Wednesday, April 8, 2009

Palic Lake


































Seven kilometers to the east of Subotica is the village Palić and next to it lies a tranquil body of water that bears the same name. The shallow saltwater lake of aeolian origin is rich in thermal springs. Since the mid-19th century the area around the lake has prospered into a prestigeous health resort and vacation area.

Although the avarage depth of the lake is only 2 m, it has cosy and tended beaches along its 17 km long shores, offering opportunities for various water sports and fishing. A large park embraces the lake and dotted with picturesque villas and hotelsis becoming a popular excursion point for tourists.

Palić can be reached by from Subotica, a nearby urban center close to the border with Hungary, or by train that stops here twice a day and continues on to Szeged. The bus stops in front of the main entrance of the park by the Water Tower (Vodotoranj), the symbol of the resort. Like all the other prominent buildings here, it is the work of Marcel Komor and Deže Jakab from 1912, when Palić was given its present appearance. The main park promenade begins at the Water Tower and leads to the stocky Grand Terrace, a beautiful Art Nouveau building also built 1912. On the other side of the Terrace, next to the lake shore, is the memorial well with an inscription about the founding day of the resort. To the right of stands the fairytale-like wooden Women’s Lido, rich in detail and reminescent of local ethnic motives.The characteristic Villa Lujza is near by, built in Swiss style (deemed to be the most adequate for spas) and the ruined Owl Castle, once home of the famous sportsman Lajoš Vermeš.

Palić also has a ZOO garden (phone: 024/753-075, open every day from 9 a.m. to 6 p.m.) and a large open air stage that hosts the annual Palić International Film Festival in July.

Towards the East along the same road there is another water basin, Lake Ludoško, a wetland reserve rich in waterfowl.

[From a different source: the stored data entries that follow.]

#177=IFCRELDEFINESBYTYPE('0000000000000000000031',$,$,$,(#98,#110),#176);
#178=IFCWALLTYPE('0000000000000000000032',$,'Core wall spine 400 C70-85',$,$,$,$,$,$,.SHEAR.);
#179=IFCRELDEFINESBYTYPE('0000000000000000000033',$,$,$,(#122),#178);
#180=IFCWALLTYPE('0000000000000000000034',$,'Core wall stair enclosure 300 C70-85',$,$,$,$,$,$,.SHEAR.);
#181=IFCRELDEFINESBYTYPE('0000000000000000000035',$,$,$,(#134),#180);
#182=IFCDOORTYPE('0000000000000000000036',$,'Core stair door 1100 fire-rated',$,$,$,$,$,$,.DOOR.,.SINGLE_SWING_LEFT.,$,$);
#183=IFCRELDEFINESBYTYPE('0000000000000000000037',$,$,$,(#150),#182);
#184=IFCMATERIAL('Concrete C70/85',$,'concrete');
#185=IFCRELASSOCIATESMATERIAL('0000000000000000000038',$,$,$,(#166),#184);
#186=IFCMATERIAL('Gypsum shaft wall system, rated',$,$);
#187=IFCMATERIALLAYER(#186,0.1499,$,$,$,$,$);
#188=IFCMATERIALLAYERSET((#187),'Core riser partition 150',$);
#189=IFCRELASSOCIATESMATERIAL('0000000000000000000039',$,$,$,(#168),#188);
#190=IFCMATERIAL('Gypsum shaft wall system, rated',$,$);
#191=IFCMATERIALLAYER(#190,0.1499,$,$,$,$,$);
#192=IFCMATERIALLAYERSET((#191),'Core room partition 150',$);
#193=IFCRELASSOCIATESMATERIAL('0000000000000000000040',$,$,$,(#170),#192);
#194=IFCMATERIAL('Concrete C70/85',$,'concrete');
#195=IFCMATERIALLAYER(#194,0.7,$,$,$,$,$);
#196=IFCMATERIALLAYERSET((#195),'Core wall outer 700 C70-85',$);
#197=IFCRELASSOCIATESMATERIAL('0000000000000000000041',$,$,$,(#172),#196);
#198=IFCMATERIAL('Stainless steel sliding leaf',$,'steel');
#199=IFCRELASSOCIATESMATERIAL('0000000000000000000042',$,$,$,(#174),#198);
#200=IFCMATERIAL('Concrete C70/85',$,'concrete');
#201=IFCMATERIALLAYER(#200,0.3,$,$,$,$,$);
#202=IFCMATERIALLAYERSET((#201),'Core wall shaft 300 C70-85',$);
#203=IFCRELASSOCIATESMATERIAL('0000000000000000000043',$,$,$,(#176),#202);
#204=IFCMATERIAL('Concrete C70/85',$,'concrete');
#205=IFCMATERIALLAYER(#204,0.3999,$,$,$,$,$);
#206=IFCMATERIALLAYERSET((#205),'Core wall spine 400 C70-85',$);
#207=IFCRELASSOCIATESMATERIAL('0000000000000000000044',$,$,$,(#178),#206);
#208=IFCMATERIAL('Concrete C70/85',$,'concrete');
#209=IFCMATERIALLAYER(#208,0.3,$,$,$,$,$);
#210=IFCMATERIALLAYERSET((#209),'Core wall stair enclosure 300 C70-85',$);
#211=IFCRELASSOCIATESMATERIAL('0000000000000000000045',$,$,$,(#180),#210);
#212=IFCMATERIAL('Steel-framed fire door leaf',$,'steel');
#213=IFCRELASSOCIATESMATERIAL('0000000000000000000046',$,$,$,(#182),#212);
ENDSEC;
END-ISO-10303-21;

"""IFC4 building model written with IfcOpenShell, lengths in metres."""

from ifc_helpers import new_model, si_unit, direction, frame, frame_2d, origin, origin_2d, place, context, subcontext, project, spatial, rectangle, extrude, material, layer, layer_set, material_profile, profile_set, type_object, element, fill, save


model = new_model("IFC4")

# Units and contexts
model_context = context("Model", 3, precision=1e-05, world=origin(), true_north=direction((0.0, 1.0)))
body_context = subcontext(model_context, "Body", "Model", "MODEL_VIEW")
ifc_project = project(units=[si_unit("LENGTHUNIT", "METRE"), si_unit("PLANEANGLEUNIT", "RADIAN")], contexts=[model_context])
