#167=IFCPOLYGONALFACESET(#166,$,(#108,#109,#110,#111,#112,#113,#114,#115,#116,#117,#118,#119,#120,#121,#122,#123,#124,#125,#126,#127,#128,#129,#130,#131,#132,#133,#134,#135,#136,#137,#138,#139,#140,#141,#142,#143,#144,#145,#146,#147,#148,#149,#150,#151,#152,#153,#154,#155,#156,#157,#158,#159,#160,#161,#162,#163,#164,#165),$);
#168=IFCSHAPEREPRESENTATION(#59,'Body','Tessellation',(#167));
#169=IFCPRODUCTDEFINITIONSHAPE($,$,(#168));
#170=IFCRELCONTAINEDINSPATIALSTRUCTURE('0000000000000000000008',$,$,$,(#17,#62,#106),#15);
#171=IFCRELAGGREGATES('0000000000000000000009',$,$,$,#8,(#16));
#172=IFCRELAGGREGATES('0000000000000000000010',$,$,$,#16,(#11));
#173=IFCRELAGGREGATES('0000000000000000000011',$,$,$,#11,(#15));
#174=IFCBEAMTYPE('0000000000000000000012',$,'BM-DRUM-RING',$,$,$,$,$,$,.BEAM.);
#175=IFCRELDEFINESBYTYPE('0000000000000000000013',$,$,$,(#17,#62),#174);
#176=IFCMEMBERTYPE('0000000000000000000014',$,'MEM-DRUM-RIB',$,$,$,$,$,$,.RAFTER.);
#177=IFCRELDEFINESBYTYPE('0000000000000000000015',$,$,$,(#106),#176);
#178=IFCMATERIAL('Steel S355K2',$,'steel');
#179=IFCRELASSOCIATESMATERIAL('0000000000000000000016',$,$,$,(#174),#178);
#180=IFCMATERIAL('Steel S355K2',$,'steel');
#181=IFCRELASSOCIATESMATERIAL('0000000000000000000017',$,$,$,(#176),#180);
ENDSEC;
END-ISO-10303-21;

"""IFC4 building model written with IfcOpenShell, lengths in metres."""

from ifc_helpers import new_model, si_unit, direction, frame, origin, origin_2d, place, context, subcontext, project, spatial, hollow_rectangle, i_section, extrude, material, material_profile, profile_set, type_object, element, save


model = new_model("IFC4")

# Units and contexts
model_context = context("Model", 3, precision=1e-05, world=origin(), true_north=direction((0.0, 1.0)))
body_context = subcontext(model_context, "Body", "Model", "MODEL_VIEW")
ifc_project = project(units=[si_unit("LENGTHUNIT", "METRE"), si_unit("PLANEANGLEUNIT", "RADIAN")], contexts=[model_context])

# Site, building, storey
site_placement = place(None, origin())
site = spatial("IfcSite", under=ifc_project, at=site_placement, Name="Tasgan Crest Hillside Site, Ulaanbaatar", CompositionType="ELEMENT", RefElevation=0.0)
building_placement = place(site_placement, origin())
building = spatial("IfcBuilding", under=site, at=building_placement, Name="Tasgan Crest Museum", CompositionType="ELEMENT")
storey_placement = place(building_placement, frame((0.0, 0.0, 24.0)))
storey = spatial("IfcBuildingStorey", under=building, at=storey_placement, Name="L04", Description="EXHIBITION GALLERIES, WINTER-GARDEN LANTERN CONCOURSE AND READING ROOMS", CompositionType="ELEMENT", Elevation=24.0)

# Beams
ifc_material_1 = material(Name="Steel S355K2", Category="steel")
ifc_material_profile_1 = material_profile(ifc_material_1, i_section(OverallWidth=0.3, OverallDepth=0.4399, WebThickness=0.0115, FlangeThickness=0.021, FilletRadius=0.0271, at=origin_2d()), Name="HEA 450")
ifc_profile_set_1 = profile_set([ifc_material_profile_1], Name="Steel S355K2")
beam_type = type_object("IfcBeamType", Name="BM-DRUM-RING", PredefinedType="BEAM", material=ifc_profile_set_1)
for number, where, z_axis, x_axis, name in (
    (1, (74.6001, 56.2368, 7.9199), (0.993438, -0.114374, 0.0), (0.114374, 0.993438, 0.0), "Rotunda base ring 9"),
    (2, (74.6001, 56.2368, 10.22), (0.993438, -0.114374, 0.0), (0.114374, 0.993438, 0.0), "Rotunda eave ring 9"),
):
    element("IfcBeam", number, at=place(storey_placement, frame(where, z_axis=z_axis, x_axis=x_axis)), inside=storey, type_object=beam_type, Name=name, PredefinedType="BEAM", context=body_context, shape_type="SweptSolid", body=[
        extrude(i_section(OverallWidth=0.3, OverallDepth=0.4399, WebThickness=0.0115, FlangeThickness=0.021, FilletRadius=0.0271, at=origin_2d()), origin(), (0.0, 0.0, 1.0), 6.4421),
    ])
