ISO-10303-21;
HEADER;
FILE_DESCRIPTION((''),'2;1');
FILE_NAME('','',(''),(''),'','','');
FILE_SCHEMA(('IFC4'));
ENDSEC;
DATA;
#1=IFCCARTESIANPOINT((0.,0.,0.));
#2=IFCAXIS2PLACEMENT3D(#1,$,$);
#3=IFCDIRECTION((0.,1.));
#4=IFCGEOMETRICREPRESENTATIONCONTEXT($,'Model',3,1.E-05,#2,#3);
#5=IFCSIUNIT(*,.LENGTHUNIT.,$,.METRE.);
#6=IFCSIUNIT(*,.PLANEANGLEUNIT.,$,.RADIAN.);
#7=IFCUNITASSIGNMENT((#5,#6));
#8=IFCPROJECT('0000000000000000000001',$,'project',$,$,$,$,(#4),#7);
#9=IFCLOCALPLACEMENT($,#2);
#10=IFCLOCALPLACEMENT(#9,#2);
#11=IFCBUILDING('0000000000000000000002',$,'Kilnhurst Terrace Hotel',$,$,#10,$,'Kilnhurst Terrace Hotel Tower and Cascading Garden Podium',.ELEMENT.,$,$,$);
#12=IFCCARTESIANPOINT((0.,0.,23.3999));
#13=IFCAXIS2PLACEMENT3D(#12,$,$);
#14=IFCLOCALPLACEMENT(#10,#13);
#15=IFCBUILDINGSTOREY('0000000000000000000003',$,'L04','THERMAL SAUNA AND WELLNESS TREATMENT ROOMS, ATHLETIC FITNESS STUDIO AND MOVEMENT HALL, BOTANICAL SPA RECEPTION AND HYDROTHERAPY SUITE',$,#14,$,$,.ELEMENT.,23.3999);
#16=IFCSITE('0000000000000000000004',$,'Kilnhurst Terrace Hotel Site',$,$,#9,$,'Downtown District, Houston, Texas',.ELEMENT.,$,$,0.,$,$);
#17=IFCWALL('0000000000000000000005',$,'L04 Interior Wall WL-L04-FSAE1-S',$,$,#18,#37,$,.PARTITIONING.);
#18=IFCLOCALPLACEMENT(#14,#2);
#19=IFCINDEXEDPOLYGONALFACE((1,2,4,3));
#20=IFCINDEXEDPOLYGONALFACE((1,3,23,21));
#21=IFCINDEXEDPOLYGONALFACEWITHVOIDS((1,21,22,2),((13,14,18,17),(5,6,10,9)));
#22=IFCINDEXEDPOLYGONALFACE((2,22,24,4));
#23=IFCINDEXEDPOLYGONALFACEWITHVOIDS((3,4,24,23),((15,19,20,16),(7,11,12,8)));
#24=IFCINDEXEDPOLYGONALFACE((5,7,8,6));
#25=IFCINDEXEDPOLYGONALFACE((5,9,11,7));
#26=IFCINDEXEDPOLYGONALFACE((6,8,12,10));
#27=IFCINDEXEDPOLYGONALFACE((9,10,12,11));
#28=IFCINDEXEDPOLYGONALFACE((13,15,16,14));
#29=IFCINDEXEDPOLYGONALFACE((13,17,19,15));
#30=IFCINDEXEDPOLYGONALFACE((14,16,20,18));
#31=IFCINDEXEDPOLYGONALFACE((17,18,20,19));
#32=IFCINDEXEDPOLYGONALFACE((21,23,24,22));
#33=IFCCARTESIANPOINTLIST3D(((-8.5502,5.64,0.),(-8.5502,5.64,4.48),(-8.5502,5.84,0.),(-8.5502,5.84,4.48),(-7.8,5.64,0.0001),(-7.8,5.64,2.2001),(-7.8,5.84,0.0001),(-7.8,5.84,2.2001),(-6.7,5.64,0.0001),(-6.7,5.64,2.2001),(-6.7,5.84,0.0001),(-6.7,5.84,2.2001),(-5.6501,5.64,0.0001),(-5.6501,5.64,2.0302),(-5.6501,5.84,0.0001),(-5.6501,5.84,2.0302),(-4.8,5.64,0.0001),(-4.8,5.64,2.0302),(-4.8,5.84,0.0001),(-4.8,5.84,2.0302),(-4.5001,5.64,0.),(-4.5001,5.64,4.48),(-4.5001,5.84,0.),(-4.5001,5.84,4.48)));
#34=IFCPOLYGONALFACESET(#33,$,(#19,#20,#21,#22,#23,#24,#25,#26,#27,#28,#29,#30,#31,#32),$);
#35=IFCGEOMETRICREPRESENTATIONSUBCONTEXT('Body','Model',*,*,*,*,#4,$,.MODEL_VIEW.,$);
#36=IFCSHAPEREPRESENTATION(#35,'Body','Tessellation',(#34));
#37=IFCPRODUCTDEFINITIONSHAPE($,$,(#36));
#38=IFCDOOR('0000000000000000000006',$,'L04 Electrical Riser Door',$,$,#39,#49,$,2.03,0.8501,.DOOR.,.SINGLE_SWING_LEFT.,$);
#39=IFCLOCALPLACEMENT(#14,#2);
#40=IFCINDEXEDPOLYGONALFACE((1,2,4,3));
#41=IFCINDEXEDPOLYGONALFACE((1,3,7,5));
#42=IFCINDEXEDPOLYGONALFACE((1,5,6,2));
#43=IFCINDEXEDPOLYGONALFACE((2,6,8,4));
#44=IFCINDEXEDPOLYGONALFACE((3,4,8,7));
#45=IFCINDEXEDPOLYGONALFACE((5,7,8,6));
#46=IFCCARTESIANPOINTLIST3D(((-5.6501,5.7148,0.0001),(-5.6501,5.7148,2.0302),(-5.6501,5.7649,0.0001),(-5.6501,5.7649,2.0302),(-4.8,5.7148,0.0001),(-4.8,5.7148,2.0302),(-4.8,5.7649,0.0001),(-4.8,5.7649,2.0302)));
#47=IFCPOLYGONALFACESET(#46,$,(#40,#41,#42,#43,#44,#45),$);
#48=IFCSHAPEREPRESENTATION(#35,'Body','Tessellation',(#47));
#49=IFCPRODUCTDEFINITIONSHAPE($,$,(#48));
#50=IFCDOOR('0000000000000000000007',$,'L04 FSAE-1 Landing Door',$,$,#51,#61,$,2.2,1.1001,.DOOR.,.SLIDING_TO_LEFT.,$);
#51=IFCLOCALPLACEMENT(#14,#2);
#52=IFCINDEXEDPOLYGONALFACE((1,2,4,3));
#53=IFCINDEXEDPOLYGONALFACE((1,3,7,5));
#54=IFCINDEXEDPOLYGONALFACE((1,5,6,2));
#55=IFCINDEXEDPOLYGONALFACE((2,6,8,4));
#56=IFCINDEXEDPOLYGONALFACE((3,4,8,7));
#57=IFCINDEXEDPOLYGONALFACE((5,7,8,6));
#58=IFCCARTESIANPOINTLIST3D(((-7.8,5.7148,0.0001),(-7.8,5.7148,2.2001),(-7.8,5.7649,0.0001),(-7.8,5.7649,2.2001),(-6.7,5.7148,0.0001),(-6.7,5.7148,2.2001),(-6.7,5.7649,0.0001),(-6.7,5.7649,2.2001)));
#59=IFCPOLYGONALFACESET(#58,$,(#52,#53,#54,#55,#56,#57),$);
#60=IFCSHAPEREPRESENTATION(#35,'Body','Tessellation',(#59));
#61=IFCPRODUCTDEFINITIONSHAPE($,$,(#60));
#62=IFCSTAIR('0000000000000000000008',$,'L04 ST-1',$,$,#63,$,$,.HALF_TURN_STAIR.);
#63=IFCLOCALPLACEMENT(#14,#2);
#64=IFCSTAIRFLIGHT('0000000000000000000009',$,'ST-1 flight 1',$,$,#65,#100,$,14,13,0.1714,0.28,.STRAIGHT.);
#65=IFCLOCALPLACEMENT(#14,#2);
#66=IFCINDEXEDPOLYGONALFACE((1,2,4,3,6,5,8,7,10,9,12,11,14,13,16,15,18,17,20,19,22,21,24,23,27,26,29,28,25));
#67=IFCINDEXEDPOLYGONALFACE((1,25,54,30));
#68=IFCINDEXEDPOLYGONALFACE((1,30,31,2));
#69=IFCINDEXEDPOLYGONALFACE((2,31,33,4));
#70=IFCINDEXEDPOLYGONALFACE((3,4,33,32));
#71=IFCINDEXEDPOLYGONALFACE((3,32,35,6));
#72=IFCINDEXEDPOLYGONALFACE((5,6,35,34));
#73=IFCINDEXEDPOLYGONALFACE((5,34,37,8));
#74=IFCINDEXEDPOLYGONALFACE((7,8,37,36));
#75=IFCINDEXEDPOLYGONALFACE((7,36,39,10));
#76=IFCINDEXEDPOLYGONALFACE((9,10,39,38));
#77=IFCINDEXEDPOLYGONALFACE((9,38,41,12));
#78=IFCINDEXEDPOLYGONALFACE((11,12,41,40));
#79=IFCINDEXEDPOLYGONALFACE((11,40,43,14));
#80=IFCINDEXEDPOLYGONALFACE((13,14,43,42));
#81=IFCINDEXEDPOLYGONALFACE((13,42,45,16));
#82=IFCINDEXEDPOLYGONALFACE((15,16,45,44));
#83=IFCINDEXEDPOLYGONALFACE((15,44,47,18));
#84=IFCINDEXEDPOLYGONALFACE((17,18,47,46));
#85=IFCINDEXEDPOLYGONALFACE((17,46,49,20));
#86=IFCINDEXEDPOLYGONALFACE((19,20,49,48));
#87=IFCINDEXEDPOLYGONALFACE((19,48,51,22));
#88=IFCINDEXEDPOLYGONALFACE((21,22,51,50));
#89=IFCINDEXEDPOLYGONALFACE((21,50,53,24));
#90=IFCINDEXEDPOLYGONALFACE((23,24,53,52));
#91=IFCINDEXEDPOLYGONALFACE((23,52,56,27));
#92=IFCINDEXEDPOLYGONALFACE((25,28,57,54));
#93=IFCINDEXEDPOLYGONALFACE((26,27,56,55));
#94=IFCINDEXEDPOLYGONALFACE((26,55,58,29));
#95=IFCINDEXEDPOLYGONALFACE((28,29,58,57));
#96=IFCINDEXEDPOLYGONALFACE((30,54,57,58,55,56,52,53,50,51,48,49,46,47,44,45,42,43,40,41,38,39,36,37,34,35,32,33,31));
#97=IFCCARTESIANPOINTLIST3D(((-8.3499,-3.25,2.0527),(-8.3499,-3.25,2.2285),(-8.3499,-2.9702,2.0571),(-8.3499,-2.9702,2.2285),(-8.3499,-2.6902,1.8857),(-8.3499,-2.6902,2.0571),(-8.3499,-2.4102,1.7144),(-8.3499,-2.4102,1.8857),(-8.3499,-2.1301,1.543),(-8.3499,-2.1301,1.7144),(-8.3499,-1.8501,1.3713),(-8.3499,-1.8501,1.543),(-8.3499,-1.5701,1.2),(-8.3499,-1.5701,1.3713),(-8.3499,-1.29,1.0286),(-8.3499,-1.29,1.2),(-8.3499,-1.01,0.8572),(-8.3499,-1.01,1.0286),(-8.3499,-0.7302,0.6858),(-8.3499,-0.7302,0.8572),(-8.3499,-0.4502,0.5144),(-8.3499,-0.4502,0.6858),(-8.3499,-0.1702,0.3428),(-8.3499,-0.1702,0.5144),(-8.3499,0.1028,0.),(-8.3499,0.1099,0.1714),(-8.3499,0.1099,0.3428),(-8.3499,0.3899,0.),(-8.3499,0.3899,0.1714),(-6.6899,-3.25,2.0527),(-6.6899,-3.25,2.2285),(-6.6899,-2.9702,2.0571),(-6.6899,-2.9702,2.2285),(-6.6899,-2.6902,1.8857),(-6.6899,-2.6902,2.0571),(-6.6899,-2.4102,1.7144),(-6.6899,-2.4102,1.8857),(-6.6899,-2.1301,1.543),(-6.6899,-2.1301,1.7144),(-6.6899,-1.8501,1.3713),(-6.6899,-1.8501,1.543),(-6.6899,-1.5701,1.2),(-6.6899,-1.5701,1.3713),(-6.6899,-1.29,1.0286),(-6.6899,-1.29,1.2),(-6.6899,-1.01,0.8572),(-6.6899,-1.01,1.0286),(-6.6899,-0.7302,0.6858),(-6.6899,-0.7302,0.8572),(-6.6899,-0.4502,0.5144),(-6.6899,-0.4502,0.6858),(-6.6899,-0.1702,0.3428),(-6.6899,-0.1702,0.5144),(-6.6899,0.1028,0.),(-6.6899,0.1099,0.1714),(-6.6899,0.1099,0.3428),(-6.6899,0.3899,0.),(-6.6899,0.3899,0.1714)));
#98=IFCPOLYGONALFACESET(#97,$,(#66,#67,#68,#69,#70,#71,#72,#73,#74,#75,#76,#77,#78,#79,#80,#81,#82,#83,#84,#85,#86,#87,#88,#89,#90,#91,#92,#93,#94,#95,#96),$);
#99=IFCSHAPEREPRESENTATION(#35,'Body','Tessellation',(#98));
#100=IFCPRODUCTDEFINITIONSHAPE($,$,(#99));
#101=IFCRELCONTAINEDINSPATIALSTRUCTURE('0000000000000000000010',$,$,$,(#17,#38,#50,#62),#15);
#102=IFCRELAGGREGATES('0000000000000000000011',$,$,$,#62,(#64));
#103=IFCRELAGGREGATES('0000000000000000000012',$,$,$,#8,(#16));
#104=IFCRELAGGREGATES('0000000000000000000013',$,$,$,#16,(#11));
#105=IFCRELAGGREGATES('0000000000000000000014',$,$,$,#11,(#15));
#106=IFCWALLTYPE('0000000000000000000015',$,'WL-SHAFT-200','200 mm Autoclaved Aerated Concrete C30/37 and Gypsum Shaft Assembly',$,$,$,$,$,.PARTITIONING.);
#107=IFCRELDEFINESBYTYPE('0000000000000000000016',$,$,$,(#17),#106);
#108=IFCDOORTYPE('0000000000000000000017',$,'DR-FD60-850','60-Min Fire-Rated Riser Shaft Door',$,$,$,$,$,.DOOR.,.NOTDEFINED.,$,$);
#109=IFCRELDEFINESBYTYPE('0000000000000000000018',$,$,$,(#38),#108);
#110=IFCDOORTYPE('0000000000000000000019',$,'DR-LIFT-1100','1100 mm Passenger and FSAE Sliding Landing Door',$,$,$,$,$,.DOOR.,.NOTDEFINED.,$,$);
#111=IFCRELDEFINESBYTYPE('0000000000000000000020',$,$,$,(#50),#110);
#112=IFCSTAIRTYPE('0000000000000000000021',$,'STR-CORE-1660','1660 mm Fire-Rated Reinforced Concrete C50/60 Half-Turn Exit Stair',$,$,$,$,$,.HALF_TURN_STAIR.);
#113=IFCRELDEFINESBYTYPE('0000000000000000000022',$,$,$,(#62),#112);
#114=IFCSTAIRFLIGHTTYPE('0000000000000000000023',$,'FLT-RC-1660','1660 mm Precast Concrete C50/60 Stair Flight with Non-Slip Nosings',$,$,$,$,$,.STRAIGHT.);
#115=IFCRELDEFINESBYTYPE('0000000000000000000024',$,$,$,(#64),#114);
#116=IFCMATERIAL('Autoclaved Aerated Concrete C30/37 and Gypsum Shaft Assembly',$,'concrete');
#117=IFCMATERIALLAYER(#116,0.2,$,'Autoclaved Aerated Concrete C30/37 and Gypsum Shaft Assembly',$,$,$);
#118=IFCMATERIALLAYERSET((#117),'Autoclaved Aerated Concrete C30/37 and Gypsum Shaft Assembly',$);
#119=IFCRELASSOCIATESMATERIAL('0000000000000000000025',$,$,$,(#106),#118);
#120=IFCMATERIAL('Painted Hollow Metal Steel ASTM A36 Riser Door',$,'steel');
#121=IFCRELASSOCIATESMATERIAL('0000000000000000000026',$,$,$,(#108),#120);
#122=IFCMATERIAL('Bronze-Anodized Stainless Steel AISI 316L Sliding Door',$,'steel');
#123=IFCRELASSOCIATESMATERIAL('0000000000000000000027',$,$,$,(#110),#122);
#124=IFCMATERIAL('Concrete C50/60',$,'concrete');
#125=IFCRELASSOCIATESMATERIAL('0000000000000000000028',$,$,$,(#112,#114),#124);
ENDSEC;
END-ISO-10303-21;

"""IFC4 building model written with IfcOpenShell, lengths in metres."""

from ifc_helpers import new_model, si_unit, direction, frame, frame_2d, origin, place, context, subcontext, project, spatial, polyline, rectangle, outline, extrude, material, layer, layer_set, type_object, element, fill, aggregate, save


model = new_model("IFC4")

# Units and contexts
model_context = context("Model", 3, precision=1e-05, world=origin(), true_north=direction((0.0, 1.0)))
body_context = subcontext(model_context, "Body", "Model", "MODEL_VIEW")
ifc_project = project(units=[si_unit("LENGTHUNIT", "METRE"), si_unit("PLANEANGLEUNIT", "RADIAN")], contexts=[model_context])

# Site, building, storey
site_placement = place(None, origin())
site = spatial("IfcSite", under=ifc_project, at=site_placement, Name="Kilnhurst Terrace Hotel Site", LongName="Downtown District, Houston, Texas", CompositionType="ELEMENT", RefElevation=0.0)
building_placement = place(site_placement, origin())
building = spatial("IfcBuilding", under=site, at=building_placement, Name="Kilnhurst Terrace Hotel", LongName="Kilnhurst Terrace Hotel Tower and Cascading Garden Podium", CompositionType="ELEMENT")
storey_placement = place(building_placement, frame((0.0, 0.0, 23.3999)))
storey = spatial("IfcBuildingStorey", under=building, at=storey_placement, Name="L04", Description="THERMAL SAUNA AND WELLNESS TREATMENT ROOMS, ATHLETIC FITNESS STUDIO AND MOVEMENT HALL, BOTANICAL SPA RECEPTION AND HYDROTHERAPY SUITE", CompositionType="ELEMENT", Elevation=23.3999)

# Shared definitions
ifc_material_1 = material(Name="Concrete C50/60", Category="concrete")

There are 214 species of birds that can be seen throughout the year, 40 of which nest here. The lake is also an archeological locality with evidence of early human settlements. There several farmsteadsand fish taverns (salaš and čarda) with culinary specialites and old-style rural accommodation.

Palic, the 7 km long lake and tourist centre used to be an elite resort and spa at the turn of the 19th and 20th centuries. The image of Palic has permanently been changing, improving and modernising, although it avoided the temptation of industrialisation. The two architects, Komor and Jakab, who left a permanent impression on the architecture of the city, also designed remarkable buildings in Palic as well, and these were also built in Hungarian art nouveau and dominated by woodcarvings inspired by folk handicrafts.
The Water Tower, now the symbol of Palic, was built at the beginning of the 20th century as a multipurpose facility: a water tower, gate of the resort and a tram station.
The construction of the Grand Terrace ended in 1911 and at that time it was also used as a multipurpose facility (confectionery, restaurant, while the upstairs premises were intended for entertainment and balls).
Two open terraces embellish the front of the building and they are decorated by magnificently carved parapet. Right in front of the Grand Terrace is the tiniest art nouveau style, special purpose facility, the Musical Pavillion, which, in the spirit of time, used to be a venue for promenade concerts.
A memorial fountain was erected in the honour of the completion of constructions in the city and Palic, which perfectly fit in the newly created atmosphere of the promenade in front of the Grand Terrace and the Musical Pavilion on the lake front.

The Women’s Beach is another magnificent example of art nouveau style buildings.

Women's Beach

The colourful resort houses-villas round up the Palic image. Villa Lujza was built in eclectic style and Bagolyvár (an interesting name for an interesting building: “the owl’s castle) are “Swiss-type” villas, and their roofs are covered with multicoloured plain tiles made by the Zsolnay Manufacture.

In the heart of the Grand Park there is specific facility, the Summer Stage, where the Palic International Film Festival is held every summer.

Palić Film Festival

The Palic Summer Stage hidden in the shade of the Grand Park's hundred year old trees opens its gates to the Palic International Film Festival during the third week of July. This Festival is dedicated to the promotion of the most recent productions in the European filmmaking and is accompanied with various programmes.